Corona-Pandemie
Thüringer Weg: Erstes Land ohne Kontaktbegrenzung
- Veröffentlicht: 14.06.2020
- 16:08 Uhr
- dpa
Als 1. Bundesland hebt Thüringen die Kontaktbeschränkungen auf. Es gibt Kritik, auch im Land selbst. Mit Brandenburg zieht ab Montag ein weiteres Land nach. Der Ärztepräsident mahnt zur Vorsicht.
Angesichts niedriger Corona-Infektionszahlen gibt es in Thüringen seit Samstag keine landesweiten Kontaktbeschränkungen mehr - und in Brandenburg von diesem Montag an. Beide Bundesländer gehen als erste diesen Weg. Treffen in großer Runde sind dort wieder möglich - allerdings noch immer mit Abstand. Statt eines Verbots gibt es jetzt lediglich die Empfehlung, sich in Thüringen nicht mit mehr als einem weiteren Haushalt oder zehn weiteren Menschen zu treffen. Bislang durften sich dort nur Menschen aus maximal zwei Haushalten treffen. Bei Verstößen drohen nun nicht mehr wie in anderen Bundesländern Bußgelder.
Ramelow sorgte für Aufregung
Thüringens Ministerpräsident Bodo Ramelow (Linke) hatte vor gut drei Wochen bundesweit für Aufregung gesorgt, als er ankündigte, den Bürgern wieder mehr Eigenverantwortung zutrauen zu wollen und von Verboten zu Geboten überzugehen. Bayern hatte den Weg des Nachbarlandes "unverantwortlich" genannt, auch Hessen reagierte skeptisch. In vielen Bundesländern gelten Kontaktbeschränkungen noch bis mindestens Ende Juni.
Aalle Freiheiten haben auch die Thüringer und Brandenburger noch nicht zurück: In Bus, Bahn und Tram müssen die Menschen Masken tragen, ebenso in Geschäften und Supermärkten. Diskotheken und Bordelle bleiben geschlossen. Familienfeiern mit mehr als 30 Menschen in geschlossenen Räumen oder mehr als 75 unter freiem Himmel müssen in Thüringen bei der Kommune zwei Tage vorher angemeldet werden. Auch für Festivals stehen die Chancen nach Angaben des Landesgesundheitsministeriums eher schlecht - auch wenn es neuerdings prinzipiell möglich ist, Ausnahmegenehmigungen zu beantragen.
Ärztepräsident Klaus Reinhardt sagte der Deutschen Presse-Agentur, das Land setze damit auf mehr Eigenverantwortung der Bürger. "Das ist per se nicht falsch, allerdings gehen mir die neu geschaffenen Möglichkeiten für Großveranstaltungen wie Volksfeste und Festivals doch eher zu weit." Es müsse darauf geachtet werden, dass es keine unkontrollierte Dynamik gebe. Wichtig sei, dass Länder und Kommunen schnell reagieren könnten, sagte Reinhardt. "Wir brauchen passgenaue Eindämmungsmaßnahmen vor Ort, damit wir bei einem möglichen Wiederaufflammen nicht ein ganzes Land oder ganze Regionen stilllegen müssen."
Situation weiter kritisch
Im Thüringer Kreis Sonneberg bleibt die Corona-Situation kritisch. Die Infektionsrate lag dort am Sonntag mit 33 nur knapp unter der Marke von 35 neuen Infektionen pro 100 000 Einwohnern innerhalb einer Woche. Die Zahl der bekannten Infektionen stieg über das Wochenende um 4 auf 285, wie das Landratsamt mitteilte. Deswegen setzt der Kreis nicht alle in Thüringen vorgesehenen Lockerungen um.

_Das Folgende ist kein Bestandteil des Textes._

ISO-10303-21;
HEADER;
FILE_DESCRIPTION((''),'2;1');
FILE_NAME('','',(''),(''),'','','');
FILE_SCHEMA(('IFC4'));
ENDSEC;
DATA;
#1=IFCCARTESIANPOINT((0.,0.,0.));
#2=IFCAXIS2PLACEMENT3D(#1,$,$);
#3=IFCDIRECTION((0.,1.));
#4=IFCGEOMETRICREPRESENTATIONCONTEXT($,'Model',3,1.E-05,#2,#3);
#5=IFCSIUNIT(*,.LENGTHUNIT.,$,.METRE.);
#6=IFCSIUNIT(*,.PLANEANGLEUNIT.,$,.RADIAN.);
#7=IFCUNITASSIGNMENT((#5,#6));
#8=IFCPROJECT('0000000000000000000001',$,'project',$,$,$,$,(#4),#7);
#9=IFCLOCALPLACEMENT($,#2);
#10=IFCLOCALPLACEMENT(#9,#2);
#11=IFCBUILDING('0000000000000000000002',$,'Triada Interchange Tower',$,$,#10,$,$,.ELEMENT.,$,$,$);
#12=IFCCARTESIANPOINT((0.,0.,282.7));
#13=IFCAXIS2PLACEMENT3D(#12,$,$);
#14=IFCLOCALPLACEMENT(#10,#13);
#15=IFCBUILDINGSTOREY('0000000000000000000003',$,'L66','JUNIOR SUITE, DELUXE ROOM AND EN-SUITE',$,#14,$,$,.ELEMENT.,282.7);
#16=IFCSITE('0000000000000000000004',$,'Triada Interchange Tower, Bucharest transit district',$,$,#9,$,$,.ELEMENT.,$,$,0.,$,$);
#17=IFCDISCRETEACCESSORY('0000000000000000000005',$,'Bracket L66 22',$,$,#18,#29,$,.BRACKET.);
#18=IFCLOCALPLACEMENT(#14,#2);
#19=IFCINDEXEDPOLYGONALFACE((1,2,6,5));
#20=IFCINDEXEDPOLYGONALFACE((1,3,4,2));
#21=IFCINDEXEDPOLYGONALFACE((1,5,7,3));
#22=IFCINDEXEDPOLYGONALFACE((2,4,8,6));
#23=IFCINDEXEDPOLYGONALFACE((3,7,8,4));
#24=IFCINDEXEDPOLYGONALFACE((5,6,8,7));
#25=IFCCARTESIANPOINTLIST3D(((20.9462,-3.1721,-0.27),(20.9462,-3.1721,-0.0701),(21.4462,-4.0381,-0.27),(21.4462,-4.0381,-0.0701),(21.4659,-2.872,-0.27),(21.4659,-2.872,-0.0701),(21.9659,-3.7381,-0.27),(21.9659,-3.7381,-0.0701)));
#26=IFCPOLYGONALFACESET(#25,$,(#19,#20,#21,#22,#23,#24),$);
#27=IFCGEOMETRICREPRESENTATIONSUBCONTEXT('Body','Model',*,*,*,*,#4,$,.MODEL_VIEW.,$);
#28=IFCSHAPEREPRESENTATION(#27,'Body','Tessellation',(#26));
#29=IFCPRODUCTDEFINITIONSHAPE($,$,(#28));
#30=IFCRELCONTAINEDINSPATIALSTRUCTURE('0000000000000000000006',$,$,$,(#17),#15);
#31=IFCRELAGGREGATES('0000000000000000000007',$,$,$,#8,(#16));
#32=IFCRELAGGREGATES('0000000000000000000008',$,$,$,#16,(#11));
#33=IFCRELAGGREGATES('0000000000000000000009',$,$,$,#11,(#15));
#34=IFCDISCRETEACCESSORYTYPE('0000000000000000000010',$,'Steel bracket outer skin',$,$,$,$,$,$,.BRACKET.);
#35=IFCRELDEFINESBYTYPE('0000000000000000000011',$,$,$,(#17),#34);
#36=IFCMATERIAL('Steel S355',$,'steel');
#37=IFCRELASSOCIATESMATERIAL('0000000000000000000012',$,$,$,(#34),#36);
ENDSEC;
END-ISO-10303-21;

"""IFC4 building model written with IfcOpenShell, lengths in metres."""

from ifc_helpers import new_model, si_unit, direction, frame, origin, origin_2d, place, context, subcontext, project, spatial, rectangle, extrude, material, type_object, element, save


model = new_model("IFC4")

# Units and contexts
model_context = context("Model", 3, precision=1e-05, world=origin(), true_north=direction((0.0, 1.0)))
body_context = subcontext(model_context, "Body", "Model", "MODEL_VIEW")
ifc_project = project(units=[si_unit("LENGTHUNIT", "METRE"), si_unit("PLANEANGLEUNIT", "RADIAN")], contexts=[model_context])

# Site, building, storey
site_placement = place(None, origin())
site = spatial("IfcSite", under=ifc_project, at=site_placement, Name="Triada Interchange Tower, Bucharest transit district", CompositionType="ELEMENT", RefElevation=0.0)
building_placement = place(site_placement, origin())
building = spatial("IfcBuilding", under=site, at=building_placement, Name="Triada Interchange Tower", CompositionType="ELEMENT")
storey_placement = place(building_placement, frame((0.0, 0.0, 282.7)))
storey = spatial("IfcBuildingStorey", under=building, at=storey_placement, Name="L66", Description="JUNIOR SUITE, DELUXE ROOM AND EN-SUITE", CompositionType="ELEMENT", Elevation=282.7)

# Discrete accessory
ifc_material_1 = material(Name="Steel S355", Category="steel")
discrete_accessory_type = type_object("IfcDiscreteAccessoryType", Name="Steel bracket outer skin", PredefinedType="BRACKET", material=ifc_material_1)
for number, where, z_axis, x_axis, name in (
    (1, (21.4561, -3.4551, -0.27), (0.0, 0.0, 1.0), (0.866024, 0.500002, 0.0), "Bracket L66 22"),
):
    element("IfcDiscreteAccessory", number, at=place(storey_placement, frame(where, z_axis=z_axis, x_axis=x_axis)), inside=storey, type_object=discrete_accessory_type, Name=name, PredefinedType="BRACKET", context=body_context, shape_type="SweptSolid", body=[
        extrude(rectangle(XDim=0.6001, YDim=1.0, at=origin_2d()), origin(), (0.0, 0.0, 1.0), 0.2),
    ])

save(model, "model.ifc")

Jenas Oberbürgermeister Thomas Nitzsche (FDP) kritisierte das Ende landesweiter Kontaktbeschränkungen als "verfrüht". Die Verordnung sei mutig, sagte er in einer Videobotschaft. "Nur ist das eine Art Mut, dessen Nachbar der Leichtsinn ist." Seine Stadt war in der Corona-Pandemie bundesweit Vorreiter bei der Maskenpflicht gewesen. "Die Disziplin vieler (...) kann durch die Nichtdisziplin einiger weniger unterlaufen und am Ende komplett ausgehebelt werden. Und wir haben keine Handhabe dagegen", erklärte er.

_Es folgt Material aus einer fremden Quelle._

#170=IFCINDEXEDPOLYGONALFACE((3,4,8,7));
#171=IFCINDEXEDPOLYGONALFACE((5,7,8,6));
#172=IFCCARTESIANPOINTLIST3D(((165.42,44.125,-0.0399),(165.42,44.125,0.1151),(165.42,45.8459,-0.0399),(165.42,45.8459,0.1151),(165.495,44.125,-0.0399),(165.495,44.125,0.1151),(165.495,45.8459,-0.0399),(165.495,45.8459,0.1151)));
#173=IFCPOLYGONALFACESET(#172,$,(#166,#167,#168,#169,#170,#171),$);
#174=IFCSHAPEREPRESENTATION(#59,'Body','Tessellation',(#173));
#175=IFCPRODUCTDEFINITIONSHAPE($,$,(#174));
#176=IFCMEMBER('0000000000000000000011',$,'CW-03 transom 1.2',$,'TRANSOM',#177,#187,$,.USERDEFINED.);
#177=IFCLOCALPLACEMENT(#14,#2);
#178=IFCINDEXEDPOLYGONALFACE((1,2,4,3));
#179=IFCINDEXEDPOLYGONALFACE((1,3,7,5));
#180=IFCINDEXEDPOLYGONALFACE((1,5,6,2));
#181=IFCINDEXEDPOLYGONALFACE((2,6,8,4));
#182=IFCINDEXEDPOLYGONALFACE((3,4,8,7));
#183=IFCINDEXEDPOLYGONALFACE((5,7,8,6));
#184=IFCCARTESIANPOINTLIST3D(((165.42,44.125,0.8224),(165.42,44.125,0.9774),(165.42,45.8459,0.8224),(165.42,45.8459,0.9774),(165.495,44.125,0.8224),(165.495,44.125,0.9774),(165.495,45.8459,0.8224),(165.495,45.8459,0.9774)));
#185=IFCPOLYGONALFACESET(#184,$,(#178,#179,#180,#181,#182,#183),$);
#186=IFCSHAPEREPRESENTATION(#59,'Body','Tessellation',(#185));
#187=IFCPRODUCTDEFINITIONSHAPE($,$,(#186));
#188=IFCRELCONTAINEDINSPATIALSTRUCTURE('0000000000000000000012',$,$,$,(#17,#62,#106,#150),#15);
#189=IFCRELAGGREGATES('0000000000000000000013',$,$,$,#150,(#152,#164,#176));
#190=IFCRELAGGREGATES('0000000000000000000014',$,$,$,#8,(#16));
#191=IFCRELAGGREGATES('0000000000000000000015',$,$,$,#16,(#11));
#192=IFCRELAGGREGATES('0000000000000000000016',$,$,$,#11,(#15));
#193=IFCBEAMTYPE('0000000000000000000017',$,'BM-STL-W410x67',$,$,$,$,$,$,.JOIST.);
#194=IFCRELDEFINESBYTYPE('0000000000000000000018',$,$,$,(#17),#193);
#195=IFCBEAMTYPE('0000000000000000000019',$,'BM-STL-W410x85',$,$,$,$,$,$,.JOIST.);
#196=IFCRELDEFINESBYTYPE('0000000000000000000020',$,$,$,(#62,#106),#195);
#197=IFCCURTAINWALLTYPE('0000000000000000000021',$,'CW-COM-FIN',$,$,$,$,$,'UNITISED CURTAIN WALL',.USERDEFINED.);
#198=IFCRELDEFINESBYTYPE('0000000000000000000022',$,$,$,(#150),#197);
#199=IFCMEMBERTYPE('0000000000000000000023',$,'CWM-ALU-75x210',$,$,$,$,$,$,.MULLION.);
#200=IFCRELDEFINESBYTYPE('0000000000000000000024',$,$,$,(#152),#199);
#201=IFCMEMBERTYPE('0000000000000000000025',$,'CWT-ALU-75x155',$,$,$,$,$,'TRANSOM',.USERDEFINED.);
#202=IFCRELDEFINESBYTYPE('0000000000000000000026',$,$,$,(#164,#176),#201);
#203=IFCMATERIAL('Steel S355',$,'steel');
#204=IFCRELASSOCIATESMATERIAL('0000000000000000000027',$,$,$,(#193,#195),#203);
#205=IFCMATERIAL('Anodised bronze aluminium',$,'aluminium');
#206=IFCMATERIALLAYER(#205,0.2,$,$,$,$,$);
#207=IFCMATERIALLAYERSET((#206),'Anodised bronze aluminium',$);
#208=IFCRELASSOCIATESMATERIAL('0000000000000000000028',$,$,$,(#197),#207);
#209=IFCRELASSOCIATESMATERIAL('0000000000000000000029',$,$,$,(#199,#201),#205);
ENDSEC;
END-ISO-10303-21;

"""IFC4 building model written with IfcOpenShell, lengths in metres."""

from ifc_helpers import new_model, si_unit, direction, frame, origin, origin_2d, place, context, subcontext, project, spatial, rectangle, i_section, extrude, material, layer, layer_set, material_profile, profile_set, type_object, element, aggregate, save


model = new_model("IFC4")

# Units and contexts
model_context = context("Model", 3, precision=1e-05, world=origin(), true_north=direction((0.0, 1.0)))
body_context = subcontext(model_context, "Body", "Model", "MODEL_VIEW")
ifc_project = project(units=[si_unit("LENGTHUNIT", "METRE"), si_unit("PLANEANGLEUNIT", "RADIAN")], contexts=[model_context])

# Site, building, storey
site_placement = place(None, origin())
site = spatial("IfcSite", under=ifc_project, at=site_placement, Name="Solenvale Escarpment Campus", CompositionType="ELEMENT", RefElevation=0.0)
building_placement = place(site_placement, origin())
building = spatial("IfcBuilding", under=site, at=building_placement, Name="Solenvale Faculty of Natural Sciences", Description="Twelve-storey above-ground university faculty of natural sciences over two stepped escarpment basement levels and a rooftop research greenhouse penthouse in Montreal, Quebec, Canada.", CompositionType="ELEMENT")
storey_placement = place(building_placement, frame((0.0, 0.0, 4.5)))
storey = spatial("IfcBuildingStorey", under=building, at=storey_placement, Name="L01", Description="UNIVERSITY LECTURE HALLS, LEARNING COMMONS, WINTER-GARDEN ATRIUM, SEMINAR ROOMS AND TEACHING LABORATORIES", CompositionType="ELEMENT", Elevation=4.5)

Am kommenden Mittwoch wollen sich Kanzlerin Angela Merkel (CDU) und die Regierungschefs der Länder erstmals seit der Hochphase der Corona-Krise wieder persönlich im Kanzleramt treffen. Brandenburgs Ministerpräsident Dietmar Woidke (SPD) hatte angekündigt, die Länder wollten mit Merkel unter anderem über eine Strategie zur Harmonisierung der Corona-Tests verhandeln.